Researchers at University of Basel have found that innate lymphoid cells that are activated during inflammation induce specific T and B cell responses and these cells can prove to be an important target in developing new treatments for infection and chronic inflammation, a new study published in the journal PNAS reveals.
Innate lymphoid cells (ILCs) are immune cells that regulate early immune responses against viruses, bacteria and parasites through the release of soluble factors. These cells can be classified into three subsets that each have various functions. Type 3 ILCs (ILC3s) are in addition essential for the development of lymphoid organs such as lymph nodes and for tissue repair.
ILC3s internalize antigen and induce T cell responses
The research group lead by Prof. Daniela Finke found that ILC3s take up antigens and present these via so-called MHC molecules on their surface. Specific T cells then recognize these antigen-loaded MHC molecules and induce immune responses.
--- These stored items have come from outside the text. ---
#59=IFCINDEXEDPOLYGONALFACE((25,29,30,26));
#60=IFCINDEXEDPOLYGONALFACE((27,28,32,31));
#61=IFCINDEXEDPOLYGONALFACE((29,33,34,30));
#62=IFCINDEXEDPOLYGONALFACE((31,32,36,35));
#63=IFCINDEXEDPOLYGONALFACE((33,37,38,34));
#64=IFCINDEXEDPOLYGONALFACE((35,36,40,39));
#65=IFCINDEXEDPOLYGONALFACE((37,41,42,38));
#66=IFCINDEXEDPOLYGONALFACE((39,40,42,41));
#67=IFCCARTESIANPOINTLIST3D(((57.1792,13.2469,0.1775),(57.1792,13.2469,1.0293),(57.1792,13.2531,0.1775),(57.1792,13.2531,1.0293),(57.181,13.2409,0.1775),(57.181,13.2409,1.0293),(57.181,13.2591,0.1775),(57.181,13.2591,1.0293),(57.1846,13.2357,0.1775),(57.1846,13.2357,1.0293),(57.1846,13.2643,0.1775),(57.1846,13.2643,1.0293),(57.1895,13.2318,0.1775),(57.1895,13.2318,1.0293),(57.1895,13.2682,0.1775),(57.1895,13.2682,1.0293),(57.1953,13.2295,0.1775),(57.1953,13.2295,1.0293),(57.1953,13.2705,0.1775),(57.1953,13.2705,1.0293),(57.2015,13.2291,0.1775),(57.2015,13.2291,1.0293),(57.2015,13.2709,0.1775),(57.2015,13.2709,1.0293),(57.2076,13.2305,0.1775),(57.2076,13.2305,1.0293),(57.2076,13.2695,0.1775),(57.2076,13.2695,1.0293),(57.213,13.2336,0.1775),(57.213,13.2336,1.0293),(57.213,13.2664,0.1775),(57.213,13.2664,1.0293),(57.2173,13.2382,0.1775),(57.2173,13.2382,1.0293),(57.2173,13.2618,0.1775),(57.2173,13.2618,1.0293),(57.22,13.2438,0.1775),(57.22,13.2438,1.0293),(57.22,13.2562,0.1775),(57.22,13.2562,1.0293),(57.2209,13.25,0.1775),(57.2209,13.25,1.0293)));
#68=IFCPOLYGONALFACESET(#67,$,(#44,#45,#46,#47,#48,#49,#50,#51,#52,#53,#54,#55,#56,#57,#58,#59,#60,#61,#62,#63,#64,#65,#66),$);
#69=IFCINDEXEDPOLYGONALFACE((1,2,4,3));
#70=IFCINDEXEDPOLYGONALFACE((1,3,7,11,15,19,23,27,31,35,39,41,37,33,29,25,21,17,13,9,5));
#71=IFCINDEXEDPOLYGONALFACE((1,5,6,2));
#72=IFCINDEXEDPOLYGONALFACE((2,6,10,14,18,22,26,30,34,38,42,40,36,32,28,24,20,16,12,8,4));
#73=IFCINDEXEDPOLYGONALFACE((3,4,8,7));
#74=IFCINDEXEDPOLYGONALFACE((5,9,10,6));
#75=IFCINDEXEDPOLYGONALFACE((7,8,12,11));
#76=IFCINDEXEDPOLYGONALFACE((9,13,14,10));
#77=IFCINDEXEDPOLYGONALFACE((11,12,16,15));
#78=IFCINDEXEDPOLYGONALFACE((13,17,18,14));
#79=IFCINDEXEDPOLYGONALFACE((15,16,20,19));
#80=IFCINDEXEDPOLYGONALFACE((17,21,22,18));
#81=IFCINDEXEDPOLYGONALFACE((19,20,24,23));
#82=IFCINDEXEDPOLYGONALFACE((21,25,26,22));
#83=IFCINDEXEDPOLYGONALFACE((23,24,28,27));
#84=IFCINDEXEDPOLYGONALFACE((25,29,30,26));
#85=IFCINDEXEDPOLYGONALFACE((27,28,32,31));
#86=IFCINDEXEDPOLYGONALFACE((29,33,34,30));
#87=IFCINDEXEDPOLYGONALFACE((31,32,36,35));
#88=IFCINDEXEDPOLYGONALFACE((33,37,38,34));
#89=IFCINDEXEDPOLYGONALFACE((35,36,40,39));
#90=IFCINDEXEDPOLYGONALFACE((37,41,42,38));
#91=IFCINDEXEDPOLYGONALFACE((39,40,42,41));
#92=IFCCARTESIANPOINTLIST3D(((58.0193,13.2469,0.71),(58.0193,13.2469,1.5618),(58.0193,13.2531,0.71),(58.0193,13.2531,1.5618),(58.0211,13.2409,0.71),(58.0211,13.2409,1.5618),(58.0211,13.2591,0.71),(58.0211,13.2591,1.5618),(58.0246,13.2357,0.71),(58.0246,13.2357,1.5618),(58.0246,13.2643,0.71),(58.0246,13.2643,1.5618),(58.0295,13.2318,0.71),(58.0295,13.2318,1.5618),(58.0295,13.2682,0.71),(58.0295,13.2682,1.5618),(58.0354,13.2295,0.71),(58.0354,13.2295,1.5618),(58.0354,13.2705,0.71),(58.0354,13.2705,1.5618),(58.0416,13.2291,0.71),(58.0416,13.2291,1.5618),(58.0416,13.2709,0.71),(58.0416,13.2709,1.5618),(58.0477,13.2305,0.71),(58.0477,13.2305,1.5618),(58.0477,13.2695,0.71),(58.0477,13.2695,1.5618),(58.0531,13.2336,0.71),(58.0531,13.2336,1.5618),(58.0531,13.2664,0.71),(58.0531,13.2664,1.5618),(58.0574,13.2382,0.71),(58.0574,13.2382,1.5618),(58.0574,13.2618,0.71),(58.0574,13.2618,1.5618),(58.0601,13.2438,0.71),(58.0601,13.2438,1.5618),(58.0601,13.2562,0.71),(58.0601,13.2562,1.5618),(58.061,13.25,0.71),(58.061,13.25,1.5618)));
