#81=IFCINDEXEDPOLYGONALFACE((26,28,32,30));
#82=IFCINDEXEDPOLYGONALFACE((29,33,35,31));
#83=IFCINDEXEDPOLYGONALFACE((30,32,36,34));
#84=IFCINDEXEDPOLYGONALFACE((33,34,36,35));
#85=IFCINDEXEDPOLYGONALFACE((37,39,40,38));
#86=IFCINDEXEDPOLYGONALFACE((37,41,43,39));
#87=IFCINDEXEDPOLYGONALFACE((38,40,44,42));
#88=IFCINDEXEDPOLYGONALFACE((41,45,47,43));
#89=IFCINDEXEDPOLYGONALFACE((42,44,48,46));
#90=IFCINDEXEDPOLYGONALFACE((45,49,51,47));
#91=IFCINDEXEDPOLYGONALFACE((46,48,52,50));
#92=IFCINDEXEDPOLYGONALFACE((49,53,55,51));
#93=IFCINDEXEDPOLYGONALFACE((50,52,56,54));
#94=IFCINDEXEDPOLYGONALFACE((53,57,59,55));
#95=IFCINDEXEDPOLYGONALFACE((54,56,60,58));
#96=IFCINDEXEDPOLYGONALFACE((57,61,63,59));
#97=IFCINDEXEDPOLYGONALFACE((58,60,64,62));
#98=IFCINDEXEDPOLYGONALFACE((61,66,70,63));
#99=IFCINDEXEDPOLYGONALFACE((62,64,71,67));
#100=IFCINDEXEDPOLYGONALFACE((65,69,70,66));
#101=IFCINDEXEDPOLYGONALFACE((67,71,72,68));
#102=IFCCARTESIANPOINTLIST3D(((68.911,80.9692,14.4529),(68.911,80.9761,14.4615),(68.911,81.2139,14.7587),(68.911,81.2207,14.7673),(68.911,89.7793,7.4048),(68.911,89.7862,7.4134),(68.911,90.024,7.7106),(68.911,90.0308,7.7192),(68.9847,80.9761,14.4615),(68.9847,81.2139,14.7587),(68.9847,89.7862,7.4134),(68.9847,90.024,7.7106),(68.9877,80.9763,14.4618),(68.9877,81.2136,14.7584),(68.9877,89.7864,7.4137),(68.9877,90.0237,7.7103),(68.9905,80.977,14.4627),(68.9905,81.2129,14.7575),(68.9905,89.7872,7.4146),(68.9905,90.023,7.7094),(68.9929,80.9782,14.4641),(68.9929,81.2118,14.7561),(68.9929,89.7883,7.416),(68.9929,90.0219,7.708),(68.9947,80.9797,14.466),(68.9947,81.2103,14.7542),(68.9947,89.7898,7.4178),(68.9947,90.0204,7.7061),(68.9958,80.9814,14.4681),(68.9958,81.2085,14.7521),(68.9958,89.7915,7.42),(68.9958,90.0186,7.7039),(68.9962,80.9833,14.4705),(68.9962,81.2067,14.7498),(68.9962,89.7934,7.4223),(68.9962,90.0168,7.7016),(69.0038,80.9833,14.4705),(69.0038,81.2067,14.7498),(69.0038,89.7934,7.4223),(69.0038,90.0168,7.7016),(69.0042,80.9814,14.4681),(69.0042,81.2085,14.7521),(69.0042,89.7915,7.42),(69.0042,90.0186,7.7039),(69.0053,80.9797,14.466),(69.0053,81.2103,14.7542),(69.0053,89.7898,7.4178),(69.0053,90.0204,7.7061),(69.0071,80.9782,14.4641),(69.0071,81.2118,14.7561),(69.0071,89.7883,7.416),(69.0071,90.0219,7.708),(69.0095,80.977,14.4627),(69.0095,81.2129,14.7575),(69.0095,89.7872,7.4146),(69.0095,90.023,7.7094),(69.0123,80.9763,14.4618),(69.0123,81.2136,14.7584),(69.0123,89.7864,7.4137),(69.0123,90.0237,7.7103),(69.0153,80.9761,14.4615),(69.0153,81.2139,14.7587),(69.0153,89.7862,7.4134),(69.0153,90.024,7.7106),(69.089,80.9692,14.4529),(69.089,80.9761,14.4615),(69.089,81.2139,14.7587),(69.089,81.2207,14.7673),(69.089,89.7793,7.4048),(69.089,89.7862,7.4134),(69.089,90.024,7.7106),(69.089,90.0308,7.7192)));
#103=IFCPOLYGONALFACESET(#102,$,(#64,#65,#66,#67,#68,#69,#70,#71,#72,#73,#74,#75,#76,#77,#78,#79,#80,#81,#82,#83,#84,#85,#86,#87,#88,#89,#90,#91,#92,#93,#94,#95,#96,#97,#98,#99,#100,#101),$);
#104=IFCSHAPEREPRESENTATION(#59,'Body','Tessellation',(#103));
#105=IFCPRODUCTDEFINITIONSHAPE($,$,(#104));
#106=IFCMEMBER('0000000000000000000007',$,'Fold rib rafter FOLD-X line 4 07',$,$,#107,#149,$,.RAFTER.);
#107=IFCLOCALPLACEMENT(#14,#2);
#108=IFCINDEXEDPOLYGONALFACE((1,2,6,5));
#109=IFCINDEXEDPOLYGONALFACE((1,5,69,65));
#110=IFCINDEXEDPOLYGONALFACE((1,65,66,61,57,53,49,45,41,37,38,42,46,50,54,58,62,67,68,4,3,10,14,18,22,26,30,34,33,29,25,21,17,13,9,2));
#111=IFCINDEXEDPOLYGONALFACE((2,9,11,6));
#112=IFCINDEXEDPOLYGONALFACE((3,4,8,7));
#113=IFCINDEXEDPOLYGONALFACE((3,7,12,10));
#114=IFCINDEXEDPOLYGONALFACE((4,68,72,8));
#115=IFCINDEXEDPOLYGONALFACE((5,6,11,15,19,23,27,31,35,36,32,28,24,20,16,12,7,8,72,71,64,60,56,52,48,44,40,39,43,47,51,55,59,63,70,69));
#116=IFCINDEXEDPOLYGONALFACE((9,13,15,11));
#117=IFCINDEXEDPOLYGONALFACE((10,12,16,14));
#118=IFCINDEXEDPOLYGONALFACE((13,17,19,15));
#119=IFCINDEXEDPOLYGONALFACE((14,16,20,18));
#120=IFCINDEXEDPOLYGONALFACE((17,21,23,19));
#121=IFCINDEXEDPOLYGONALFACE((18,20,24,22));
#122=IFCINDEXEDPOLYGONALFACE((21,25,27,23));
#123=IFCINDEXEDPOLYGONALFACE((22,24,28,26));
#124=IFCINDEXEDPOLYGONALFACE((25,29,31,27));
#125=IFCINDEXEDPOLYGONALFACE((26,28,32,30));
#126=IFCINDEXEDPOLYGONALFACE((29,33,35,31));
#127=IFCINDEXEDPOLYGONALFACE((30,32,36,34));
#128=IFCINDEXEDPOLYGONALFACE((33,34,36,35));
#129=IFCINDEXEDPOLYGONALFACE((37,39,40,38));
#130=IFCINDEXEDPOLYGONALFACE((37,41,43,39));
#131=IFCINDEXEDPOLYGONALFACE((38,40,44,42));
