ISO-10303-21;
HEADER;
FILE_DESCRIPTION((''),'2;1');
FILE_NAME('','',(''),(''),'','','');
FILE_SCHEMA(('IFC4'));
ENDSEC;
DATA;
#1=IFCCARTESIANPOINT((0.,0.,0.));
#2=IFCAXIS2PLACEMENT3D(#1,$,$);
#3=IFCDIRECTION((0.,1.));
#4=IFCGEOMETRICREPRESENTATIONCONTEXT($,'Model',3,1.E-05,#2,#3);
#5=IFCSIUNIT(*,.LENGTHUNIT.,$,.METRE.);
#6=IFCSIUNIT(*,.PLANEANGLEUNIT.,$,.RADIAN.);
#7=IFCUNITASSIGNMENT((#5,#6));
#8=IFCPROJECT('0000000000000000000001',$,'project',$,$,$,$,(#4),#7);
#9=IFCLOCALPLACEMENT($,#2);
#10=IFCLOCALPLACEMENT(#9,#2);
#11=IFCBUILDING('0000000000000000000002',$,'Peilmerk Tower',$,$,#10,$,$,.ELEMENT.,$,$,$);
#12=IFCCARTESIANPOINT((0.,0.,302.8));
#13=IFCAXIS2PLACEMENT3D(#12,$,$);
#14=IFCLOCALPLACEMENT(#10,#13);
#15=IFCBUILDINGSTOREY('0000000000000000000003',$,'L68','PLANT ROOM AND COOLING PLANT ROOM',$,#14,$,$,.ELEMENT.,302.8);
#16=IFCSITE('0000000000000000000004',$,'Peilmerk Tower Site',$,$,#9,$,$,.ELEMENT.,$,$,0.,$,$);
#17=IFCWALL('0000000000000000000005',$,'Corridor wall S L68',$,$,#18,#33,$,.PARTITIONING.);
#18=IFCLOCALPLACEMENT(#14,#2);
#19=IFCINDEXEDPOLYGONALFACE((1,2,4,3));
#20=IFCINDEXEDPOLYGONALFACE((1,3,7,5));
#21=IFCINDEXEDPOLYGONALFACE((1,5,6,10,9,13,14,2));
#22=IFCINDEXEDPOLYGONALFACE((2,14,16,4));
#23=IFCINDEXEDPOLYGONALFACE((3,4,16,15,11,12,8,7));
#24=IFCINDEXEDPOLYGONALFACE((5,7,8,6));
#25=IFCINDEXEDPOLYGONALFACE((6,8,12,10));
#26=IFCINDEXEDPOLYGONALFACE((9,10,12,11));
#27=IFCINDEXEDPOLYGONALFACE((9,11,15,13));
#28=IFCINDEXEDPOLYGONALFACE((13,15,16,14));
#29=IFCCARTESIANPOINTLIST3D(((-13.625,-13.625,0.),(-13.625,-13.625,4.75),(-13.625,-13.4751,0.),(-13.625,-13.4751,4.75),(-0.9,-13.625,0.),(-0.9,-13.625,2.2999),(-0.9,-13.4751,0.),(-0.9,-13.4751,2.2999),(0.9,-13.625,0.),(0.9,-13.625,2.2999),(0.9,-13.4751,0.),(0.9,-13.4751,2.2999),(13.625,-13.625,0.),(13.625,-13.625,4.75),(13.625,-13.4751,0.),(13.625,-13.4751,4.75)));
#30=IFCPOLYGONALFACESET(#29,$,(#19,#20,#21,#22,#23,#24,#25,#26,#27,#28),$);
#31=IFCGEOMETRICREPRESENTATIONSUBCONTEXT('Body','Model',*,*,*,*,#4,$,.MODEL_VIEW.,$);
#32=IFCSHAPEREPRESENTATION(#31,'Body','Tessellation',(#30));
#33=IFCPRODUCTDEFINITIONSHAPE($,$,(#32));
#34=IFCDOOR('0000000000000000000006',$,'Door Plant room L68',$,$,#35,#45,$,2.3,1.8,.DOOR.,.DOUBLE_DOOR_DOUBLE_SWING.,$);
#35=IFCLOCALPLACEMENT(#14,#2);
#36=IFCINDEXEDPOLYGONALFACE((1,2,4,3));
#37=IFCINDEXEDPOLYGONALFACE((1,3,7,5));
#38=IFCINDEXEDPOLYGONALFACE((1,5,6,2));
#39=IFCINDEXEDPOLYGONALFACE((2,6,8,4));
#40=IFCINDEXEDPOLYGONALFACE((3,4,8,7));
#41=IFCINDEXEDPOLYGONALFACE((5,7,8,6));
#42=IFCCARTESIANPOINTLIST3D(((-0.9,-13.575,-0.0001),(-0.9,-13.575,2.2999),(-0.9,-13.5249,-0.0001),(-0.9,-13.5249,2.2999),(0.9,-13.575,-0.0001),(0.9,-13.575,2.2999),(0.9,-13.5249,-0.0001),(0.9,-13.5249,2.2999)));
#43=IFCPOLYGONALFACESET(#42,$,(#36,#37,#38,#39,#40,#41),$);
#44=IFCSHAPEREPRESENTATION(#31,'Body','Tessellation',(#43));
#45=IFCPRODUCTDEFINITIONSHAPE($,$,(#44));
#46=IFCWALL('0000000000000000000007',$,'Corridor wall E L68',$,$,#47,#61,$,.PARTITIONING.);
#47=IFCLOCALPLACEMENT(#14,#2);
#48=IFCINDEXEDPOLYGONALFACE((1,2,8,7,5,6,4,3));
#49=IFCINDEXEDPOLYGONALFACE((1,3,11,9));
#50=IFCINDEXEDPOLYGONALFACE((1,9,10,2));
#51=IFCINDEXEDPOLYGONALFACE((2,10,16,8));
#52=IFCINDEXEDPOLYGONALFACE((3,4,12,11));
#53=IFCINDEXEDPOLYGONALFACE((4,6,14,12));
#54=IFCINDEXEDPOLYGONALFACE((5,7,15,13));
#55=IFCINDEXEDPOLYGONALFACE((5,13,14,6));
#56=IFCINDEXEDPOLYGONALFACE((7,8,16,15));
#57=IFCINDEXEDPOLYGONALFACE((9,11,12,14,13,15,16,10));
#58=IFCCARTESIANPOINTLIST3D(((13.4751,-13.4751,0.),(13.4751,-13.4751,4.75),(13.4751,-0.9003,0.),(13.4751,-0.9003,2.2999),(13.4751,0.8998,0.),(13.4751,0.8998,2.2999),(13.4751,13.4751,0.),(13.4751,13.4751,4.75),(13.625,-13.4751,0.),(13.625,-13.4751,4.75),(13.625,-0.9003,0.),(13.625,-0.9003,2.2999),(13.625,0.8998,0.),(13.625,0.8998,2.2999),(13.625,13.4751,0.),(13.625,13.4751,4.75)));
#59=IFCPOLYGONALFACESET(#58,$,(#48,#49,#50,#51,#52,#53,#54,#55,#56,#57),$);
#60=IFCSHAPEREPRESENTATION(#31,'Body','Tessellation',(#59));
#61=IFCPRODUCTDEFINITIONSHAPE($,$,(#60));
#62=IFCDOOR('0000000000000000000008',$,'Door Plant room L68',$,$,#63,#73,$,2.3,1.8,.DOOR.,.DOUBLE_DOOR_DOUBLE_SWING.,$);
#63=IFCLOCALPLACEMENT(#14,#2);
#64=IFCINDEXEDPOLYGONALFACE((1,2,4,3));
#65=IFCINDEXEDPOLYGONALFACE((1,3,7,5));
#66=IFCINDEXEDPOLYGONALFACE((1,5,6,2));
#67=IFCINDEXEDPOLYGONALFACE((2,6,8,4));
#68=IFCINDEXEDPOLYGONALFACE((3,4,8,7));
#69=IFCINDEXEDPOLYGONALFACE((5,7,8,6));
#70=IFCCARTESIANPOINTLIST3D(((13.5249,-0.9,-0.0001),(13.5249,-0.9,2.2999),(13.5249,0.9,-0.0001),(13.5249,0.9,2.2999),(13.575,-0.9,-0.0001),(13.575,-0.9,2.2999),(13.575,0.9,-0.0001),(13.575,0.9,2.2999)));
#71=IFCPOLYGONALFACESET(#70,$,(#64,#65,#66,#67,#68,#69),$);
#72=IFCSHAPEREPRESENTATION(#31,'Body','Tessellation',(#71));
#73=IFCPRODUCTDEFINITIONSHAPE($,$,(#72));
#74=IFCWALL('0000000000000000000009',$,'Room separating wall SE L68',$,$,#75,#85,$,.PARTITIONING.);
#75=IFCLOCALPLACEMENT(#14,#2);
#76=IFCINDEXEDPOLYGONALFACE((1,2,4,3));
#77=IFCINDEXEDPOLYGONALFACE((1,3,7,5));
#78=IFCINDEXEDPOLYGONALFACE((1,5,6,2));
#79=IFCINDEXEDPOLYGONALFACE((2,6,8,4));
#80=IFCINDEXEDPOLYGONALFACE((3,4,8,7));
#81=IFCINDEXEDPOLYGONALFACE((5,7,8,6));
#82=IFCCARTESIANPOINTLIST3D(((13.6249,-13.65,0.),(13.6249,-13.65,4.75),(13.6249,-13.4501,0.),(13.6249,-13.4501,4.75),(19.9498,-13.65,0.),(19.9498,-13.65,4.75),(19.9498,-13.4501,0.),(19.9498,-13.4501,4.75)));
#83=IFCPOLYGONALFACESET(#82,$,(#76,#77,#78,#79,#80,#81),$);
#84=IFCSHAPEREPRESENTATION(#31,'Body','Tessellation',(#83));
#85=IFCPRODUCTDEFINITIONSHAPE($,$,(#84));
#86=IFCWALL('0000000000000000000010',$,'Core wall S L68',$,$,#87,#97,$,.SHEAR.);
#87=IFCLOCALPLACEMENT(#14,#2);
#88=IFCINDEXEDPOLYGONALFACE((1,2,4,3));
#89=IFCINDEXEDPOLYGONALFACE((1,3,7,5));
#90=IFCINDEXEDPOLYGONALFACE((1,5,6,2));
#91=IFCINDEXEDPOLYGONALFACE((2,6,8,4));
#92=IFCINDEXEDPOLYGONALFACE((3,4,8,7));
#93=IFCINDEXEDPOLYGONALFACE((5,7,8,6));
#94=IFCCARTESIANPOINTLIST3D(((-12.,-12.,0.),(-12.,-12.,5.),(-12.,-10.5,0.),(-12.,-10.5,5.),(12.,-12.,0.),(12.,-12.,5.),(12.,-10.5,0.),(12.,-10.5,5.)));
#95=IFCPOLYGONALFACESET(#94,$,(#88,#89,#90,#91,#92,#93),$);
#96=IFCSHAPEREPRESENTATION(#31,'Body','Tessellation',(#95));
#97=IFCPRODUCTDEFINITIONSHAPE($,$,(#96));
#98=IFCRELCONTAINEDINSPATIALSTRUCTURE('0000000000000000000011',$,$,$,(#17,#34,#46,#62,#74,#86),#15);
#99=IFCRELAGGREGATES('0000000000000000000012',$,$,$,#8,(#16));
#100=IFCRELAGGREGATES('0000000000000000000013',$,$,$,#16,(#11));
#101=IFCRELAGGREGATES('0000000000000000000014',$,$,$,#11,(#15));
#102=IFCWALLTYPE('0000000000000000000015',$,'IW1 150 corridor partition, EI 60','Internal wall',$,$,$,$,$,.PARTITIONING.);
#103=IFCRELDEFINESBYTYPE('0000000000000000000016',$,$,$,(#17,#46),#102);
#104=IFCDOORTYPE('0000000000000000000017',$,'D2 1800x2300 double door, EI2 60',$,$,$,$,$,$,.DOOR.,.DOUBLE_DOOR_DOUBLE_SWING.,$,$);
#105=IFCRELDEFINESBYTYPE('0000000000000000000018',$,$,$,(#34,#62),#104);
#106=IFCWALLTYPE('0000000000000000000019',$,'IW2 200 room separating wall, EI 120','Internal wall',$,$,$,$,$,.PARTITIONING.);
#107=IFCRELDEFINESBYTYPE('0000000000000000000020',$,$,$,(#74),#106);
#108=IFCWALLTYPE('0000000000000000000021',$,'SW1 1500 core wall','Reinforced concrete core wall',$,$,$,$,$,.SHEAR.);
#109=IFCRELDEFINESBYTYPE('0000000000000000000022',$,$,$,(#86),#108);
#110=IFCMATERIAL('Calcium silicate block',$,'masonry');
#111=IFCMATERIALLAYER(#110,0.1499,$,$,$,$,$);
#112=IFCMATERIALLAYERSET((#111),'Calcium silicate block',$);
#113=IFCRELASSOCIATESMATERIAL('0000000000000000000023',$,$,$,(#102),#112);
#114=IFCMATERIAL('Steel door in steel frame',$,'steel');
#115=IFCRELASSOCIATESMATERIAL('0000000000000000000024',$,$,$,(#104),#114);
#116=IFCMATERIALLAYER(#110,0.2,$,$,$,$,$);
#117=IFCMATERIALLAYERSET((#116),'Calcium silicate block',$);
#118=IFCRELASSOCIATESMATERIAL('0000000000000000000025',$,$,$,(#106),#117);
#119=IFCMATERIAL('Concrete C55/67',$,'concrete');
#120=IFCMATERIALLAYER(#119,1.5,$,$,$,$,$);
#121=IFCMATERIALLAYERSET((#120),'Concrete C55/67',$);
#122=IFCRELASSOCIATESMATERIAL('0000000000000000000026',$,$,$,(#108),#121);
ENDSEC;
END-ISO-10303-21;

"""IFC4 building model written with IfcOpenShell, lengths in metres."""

from ifc_helpers import new_model, si_unit, direction, frame, frame_2d, origin, place, context, subcontext, project, spatial, rectangle, extrude, material, layer, layer_set, type_object, element, fill, save


model = new_model("IFC4")

# Units and contexts
model_context = context("Model", 3, precision=1e-05, world=origin(), true_north=direction((0.0, 1.0)))
body_context = subcontext(model_context, "Body", "Model", "MODEL_VIEW")
ifc_project = project(units=[si_unit("LENGTHUNIT", "METRE"), si_unit("PLANEANGLEUNIT", "RADIAN")], contexts=[model_context])

# Site, building, storey
site_placement = place(None, origin())
site = spatial("IfcSite", under=ifc_project, at=site_placement, Name="Peilmerk Tower Site", CompositionType="ELEMENT", RefElevation=0.0)
building_placement = place(site_placement, origin())
building = spatial("IfcBuilding", under=site, at=building_placement, Name="Peilmerk Tower", CompositionType="ELEMENT")
storey_placement = place(building_placement, frame((0.0, 0.0, 302.8)))
storey = spatial("IfcBuildingStorey", under=building, at=storey_placement, Name="L68", Description="PLANT ROOM AND COOLING PLANT ROOM", CompositionType="ELEMENT", Elevation=302.8)

# Walls, openings, doors
ifc_material_1 = material(Name="Calcium silicate block", Category="masonry")
ifc_layer_1 = layer(ifc_material_1, 0.1499)
ifc_layer_set_1 = layer_set([ifc_layer_1], Name="Calcium silicate block")
wall_type_1 = type_object("IfcWallType", Name="IW1 150 corridor partition, EI 60", Description="Internal wall", PredefinedType="PARTITIONING", material=ifc_layer_set_1)
wall_1_placement = place(storey_placement, frame((13.625, -13.55, 0.0), z_axis=(0.0, 0.0, 1.0), x_axis=(-1.0, 0.0, 0.0)))
wall_1 = element("IfcWall", 1, at=wall_1_placement, inside=storey, type_object=wall_type_1, Name="Corridor wall S L68", PredefinedType="PARTITIONING", context=body_context, shape_type="SweptSolid", body=[
    extrude(rectangle(XDim=27.25, YDim=0.1499, at=frame_2d((13.625, 0.0))), origin(), (0.0, 0.0, 1.0), 4.75),
])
The importance of this interaction between ILC3s and T cells for the immune defense was shown in mice that were lacking the MHC molecules on their ILC3s. These animals had severely reduced T and B cell immune responses.
Inflammatory signals activate ILC3s
So far, scientists assumed that ILC3s decreased T cell responses because they were lacking certain additional receptors required for efficient T cell stimulation. The research group of Prof. Finke was able to show for the first time that these important costimulatory receptors are produced by ILC3s when they are activated through inflammatory signals such as the soluble factor IL-1β. Moreover, ILC3s then produce factors that promote T cell responses.
The results of the Basel research team open up new ways for improving immune responses after vaccination and for preventing harmful immune responses for example during chronic inflammation.